Trouble in Farm Country Revisited: Fertilizer Runoff Contaminates Drinking Water With Nitrate
October 2019
By Anne Weir Schechinger, Senior Analyst, Economics
A deluge of chemical fertilizer and manure washes off farm fields each year, polluting drinking water supplies nationwide with nitrate, a contaminant linked to cancer and birth defects. Despite billions in federal funds spent annually to encourage farming practices that reduce runoff, new data shows that nitrate contamination is getting worse – especially in small, rural communities that lack the resources to clean it up.
EWG’s newly updated Tap Water Database, which collects test results from 50,000 community water systems across the country, shows that 1,695 systems had two-year average nitrate levels in 2016 and 2017 that were at or above the amount the National Cancer Institute says increases the risk of colon, kidney, ovarian and bladder cancers.
The Environmental Protection Agency’s legal limit for nitrate in drinking water is 10 parts per million, or ppm. It was set in 1962 to protect against blue baby syndrome, a potentially fatal condition that starves infants of oxygen. Since then, evidence has accumulated that links elevated risk of cancer and birth defects to drinking water with nitrate levels of 5 ppm or even lower.
The map below shows all community water systems that served 25,000 people or less and that in 2016 and 2017 averaged nitrate levels at or above 5 ppm. It also shows how many acres in each county were treated with chemical fertilizer or manure. Water systems with elevated nitrate levels tend to be in counties with lots of fertilizer- or manure-treated acres.
Explore the Map
Nitrate Levels Rising
The 2016-2017 data show that 98 percent of all community water systems with nitrate levels at or above 5 ppm served 25,000 customers or less. These small, mostly rural systems tend to be the least able to afford fixing the problem.

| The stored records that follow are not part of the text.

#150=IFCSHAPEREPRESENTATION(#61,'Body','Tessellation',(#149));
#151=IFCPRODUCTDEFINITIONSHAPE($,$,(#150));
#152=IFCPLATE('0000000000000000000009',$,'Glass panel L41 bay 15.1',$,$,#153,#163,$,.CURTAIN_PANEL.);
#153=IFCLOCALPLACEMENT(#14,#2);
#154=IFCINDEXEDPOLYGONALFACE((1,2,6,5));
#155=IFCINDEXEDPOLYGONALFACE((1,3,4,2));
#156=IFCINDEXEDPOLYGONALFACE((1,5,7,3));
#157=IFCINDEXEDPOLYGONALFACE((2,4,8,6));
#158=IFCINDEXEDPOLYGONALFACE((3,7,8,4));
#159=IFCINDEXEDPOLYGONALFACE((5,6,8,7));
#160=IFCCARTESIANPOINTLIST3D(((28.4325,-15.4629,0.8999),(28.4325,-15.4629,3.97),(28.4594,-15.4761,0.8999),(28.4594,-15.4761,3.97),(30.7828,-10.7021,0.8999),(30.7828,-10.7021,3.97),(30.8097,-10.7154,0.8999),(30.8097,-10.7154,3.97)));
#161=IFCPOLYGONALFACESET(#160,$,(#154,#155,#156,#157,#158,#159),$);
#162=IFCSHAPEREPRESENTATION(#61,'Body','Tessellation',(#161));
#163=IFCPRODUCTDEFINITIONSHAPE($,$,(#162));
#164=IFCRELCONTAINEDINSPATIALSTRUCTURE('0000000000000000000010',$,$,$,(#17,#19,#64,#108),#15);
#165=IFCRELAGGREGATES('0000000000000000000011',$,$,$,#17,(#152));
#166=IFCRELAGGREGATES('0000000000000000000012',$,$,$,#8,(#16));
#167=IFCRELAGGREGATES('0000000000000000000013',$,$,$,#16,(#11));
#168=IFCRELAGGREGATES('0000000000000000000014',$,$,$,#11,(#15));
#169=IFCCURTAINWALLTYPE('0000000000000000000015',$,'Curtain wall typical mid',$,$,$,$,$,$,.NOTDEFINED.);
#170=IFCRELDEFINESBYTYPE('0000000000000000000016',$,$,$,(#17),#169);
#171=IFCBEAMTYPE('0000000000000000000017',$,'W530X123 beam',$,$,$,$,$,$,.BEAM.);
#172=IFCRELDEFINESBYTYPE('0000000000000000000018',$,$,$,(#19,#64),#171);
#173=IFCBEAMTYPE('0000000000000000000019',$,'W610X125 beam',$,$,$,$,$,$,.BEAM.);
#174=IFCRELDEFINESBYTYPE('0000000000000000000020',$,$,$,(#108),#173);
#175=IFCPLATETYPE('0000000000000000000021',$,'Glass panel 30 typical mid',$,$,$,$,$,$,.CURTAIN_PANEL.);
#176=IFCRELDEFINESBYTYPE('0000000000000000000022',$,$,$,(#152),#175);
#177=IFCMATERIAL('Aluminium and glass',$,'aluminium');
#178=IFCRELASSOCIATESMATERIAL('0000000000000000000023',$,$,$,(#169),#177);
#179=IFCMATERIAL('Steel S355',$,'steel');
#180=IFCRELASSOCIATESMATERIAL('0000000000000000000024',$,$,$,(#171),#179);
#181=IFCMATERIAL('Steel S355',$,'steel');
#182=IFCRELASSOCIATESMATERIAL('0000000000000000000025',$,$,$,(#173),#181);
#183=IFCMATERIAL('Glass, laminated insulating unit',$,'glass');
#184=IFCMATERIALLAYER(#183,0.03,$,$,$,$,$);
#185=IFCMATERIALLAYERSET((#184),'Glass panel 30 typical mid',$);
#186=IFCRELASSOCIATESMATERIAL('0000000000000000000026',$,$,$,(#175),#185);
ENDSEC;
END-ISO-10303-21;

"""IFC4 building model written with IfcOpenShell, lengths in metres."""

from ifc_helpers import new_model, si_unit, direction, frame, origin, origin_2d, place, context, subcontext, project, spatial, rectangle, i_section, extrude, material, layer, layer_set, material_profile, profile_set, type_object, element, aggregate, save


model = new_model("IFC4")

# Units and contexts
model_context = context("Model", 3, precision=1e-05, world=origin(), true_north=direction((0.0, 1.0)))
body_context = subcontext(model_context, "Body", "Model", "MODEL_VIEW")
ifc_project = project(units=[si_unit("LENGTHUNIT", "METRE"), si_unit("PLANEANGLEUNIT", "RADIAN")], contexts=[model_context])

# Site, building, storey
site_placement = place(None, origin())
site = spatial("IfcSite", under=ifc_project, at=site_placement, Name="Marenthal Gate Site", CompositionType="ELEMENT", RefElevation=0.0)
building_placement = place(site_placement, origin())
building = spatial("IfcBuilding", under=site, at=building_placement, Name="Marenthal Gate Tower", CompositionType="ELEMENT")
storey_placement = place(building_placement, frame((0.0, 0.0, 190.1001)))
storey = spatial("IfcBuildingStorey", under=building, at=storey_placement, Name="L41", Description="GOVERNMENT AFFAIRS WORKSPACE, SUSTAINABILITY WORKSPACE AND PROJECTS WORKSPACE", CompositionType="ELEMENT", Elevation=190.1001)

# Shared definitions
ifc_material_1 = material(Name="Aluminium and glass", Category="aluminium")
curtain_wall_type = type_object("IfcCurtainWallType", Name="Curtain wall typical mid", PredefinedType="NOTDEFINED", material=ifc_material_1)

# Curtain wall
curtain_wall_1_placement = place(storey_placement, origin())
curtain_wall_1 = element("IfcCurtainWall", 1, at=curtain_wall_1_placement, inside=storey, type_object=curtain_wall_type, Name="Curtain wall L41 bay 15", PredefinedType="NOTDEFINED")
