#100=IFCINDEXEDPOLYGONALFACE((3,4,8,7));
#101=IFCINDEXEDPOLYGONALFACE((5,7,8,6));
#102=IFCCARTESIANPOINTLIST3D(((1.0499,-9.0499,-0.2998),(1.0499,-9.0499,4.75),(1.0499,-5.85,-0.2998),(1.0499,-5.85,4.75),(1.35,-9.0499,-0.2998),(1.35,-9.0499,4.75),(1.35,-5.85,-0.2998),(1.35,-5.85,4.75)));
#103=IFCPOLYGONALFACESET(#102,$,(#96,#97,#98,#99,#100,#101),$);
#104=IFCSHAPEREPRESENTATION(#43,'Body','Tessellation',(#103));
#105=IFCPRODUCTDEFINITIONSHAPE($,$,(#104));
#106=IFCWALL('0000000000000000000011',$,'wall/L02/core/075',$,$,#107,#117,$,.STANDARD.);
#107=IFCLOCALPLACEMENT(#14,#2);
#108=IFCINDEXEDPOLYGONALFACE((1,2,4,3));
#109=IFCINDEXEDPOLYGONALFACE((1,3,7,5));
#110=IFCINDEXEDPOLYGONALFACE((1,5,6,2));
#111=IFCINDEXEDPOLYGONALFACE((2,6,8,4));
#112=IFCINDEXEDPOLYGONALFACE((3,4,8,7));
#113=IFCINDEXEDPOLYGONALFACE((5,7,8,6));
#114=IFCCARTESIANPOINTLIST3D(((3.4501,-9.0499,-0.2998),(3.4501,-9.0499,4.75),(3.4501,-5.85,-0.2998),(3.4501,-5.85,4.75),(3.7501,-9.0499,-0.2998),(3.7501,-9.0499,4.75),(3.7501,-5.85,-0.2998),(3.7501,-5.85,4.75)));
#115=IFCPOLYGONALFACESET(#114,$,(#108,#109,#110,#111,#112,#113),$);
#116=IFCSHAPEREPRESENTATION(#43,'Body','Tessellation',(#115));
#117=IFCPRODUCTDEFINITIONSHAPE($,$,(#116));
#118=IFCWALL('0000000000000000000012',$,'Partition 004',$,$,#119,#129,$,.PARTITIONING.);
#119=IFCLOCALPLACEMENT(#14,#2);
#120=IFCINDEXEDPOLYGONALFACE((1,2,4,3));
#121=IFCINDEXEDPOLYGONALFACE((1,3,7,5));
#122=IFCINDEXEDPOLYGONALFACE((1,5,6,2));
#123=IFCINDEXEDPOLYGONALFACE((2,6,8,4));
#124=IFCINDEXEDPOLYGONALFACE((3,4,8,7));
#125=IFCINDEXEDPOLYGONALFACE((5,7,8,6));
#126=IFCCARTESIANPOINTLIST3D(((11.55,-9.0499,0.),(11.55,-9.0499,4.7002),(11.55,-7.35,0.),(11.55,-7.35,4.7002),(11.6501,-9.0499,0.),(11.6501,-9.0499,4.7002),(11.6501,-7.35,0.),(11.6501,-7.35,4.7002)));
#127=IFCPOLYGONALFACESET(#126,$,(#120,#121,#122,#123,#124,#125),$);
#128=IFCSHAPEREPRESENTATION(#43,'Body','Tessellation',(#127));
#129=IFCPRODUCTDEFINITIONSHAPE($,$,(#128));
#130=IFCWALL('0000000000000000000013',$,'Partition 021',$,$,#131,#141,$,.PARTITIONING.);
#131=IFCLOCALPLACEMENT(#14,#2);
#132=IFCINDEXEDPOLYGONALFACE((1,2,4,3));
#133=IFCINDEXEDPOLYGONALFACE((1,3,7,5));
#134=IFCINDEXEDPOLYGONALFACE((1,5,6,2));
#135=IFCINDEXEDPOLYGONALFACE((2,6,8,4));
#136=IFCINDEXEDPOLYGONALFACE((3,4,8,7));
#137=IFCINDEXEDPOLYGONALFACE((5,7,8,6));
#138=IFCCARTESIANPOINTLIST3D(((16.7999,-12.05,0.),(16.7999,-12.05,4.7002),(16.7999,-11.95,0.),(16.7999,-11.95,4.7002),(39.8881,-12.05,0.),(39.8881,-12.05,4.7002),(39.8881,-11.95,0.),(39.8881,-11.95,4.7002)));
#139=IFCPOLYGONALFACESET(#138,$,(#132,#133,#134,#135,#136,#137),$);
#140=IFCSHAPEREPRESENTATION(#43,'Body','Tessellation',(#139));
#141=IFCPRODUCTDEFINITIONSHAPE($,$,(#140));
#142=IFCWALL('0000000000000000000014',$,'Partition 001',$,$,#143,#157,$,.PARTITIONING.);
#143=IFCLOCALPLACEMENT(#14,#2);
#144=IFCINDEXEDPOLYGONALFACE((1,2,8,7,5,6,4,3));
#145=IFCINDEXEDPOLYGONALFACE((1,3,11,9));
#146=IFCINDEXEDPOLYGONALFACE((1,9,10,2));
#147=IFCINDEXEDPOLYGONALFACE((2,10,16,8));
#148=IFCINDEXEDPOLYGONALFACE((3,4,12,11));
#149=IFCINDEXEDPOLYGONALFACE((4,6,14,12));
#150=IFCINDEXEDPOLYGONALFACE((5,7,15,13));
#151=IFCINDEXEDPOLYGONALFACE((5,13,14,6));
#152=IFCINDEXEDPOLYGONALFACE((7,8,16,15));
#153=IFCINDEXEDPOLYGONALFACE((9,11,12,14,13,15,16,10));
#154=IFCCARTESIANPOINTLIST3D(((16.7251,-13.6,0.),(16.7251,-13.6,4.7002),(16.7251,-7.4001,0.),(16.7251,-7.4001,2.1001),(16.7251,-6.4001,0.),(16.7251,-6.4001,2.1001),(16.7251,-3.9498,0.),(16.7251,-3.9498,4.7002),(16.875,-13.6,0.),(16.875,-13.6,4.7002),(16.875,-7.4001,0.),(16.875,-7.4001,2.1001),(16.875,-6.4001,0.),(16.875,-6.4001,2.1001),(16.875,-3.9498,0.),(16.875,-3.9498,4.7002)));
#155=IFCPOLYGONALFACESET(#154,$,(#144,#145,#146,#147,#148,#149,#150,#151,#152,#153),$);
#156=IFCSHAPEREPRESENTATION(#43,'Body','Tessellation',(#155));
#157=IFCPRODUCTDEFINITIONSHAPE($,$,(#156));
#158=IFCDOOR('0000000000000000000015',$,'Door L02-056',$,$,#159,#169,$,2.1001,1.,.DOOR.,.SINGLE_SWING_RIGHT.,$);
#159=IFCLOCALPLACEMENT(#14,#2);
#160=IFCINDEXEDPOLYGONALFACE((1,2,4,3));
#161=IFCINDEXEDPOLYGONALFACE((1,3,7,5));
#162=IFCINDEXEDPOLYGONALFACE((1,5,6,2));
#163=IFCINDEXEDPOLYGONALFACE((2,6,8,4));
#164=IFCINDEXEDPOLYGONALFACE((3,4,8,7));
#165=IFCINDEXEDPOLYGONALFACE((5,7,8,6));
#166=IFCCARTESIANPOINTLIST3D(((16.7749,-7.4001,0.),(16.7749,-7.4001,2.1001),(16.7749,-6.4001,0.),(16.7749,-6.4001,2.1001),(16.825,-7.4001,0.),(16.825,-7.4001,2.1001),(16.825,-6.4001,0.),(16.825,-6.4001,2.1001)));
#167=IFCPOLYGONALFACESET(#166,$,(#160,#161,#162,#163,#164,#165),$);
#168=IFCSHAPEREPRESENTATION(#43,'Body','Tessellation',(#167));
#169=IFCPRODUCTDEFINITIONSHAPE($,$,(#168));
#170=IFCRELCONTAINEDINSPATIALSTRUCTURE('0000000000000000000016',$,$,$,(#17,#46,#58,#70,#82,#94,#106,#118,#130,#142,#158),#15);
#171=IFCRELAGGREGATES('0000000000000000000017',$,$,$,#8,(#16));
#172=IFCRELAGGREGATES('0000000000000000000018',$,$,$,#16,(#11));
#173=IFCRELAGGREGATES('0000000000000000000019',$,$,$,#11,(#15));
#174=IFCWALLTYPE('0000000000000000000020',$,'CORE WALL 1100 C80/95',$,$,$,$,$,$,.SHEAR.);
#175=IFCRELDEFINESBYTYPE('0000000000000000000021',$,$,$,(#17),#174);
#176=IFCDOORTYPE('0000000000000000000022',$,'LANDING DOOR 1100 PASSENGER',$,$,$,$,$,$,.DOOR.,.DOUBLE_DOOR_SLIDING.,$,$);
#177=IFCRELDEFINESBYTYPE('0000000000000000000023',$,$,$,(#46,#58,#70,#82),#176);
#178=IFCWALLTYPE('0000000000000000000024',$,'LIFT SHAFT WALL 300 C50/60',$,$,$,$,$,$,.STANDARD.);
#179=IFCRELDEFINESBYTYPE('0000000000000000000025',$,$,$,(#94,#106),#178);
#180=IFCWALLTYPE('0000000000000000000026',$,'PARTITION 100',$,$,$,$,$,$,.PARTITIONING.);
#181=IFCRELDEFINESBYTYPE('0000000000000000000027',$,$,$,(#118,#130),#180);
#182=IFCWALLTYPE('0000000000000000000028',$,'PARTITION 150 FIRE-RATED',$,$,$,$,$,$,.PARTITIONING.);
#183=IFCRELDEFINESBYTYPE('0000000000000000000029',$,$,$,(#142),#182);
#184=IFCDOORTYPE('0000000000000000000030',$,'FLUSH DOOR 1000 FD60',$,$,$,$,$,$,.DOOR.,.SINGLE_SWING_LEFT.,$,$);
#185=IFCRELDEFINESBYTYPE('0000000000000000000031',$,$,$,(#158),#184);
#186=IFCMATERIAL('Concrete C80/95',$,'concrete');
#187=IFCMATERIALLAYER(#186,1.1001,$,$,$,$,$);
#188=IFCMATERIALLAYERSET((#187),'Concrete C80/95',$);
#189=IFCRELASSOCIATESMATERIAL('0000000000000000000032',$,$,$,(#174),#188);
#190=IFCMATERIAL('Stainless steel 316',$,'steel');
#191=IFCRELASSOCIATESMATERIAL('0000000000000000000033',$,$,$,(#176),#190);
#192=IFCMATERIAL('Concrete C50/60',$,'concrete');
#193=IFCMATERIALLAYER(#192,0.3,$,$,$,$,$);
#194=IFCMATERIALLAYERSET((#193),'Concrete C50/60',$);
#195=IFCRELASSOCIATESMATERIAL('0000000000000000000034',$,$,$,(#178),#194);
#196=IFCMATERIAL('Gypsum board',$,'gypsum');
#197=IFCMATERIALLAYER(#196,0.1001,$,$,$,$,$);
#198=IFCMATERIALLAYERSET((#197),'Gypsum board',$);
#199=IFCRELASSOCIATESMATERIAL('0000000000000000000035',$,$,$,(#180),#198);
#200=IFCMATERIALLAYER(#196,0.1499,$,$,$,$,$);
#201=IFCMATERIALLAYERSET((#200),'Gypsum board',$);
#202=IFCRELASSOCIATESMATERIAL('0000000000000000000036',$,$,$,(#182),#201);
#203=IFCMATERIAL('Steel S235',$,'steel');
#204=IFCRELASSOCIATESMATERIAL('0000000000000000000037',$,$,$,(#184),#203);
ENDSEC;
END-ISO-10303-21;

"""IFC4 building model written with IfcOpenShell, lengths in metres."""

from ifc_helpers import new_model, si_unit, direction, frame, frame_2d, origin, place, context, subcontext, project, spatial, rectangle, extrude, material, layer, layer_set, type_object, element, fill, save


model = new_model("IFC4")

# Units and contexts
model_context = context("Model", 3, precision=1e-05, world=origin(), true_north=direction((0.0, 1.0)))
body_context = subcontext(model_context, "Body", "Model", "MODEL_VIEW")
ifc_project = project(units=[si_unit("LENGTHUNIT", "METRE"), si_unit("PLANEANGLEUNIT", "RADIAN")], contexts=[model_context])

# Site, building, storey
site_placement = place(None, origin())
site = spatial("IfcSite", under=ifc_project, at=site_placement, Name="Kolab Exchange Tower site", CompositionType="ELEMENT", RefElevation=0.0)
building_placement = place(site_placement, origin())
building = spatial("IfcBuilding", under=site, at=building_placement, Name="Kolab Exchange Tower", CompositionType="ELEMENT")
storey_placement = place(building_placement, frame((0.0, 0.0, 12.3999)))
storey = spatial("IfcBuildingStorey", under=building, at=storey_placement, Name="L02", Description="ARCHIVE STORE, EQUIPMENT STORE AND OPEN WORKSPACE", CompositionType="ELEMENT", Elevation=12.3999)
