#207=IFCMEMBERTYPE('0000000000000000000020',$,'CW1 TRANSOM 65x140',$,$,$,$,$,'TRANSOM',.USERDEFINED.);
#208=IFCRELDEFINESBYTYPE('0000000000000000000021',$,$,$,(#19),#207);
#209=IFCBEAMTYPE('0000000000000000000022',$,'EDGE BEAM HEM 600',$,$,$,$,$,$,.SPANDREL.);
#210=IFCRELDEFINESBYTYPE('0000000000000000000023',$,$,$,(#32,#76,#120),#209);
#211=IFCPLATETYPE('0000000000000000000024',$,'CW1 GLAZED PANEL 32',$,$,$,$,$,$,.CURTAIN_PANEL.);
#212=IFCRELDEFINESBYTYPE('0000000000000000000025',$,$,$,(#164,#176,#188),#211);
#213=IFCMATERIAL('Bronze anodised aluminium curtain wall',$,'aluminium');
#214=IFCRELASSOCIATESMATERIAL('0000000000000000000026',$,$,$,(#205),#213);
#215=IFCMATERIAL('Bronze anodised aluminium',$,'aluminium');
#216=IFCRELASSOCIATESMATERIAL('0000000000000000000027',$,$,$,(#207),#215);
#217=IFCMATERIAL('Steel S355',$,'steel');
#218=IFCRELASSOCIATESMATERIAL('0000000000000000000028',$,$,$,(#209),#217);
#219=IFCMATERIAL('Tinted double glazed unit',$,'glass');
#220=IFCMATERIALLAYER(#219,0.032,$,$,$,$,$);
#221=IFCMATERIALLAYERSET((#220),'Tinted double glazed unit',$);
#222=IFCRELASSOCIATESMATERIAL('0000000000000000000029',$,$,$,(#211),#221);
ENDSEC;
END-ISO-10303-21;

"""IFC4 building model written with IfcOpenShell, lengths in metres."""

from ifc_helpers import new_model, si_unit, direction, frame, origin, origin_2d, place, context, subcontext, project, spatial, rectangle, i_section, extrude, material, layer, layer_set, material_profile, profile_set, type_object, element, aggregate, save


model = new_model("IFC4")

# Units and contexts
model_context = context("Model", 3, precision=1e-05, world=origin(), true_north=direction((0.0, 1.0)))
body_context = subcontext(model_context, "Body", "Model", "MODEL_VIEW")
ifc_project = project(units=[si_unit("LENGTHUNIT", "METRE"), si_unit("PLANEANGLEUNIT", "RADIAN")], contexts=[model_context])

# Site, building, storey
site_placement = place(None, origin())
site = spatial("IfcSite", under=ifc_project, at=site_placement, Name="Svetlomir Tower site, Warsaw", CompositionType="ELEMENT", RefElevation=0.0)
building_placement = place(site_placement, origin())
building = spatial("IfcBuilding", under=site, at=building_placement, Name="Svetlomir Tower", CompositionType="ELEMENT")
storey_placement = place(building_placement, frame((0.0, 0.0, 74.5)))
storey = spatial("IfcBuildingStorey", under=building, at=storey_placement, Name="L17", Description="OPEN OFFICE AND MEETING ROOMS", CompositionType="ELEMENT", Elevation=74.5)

Compared to 2014-2015:
- 12 more systems were contaminated at or above 5 ppm in 2016-2017.
- 13 more systems were at or above 7.5 ppm.
- 10 more systems were at or above 10 ppm, meaning drinking water for over 42,000 more people was contaminated at or above the EPA’s legal limit.
- The average nitrate level across all systems rose from 6.94 to 7.08 ppm.
Big Ag States Have the Worst Nitrate Levels
In 2016-2017, 69 percent of the systems with nitrate at or above 5 ppm were in just 10 states where agriculture is big business.
State | Systems at or above 5 ppm in 2016-2017 | Population of systems |
Calif. | 273 | 542,643 |
Pa. | 150 | 179,021 |
Kan. | 130 | 115,985 |
Neb. | 125 | 117,522 |
Texas | 114 | 91,265 |
Wash. | 105 | 57,935 |
Okla. | 94 | 130,521 |
Ariz. | 71 | 82,512 |
Wis. | 59 | 88,279 |
Iowa | 48 | 125,723 |
More than half of all states had the same or greater number of systems at or above 5 ppm in 2016-2017 compared to 2014-2015. Although nationally there was a net increase of 12 systems whose nitrate levels rose from below five ppm to at or above five ppm, California had 47 more systems at or above 5 ppm in 2016-2017 than in 2014-2015.
Real Solutions for a Growing Problem
Keeping nitrate out of drinking water is much cheaper than removing it through water treatment. But prevention currently relies completely on farmers’ adoption of voluntary conservation practices heavily subsidized by taxpayers. The funds aren’t targeted and this strictly voluntary method is clearly not enough to keep dangerous nitrates out of water. Only mandatory farm standards that include the most effective pollution-prevention practices, in the right places and on the right farms, will stem the tide.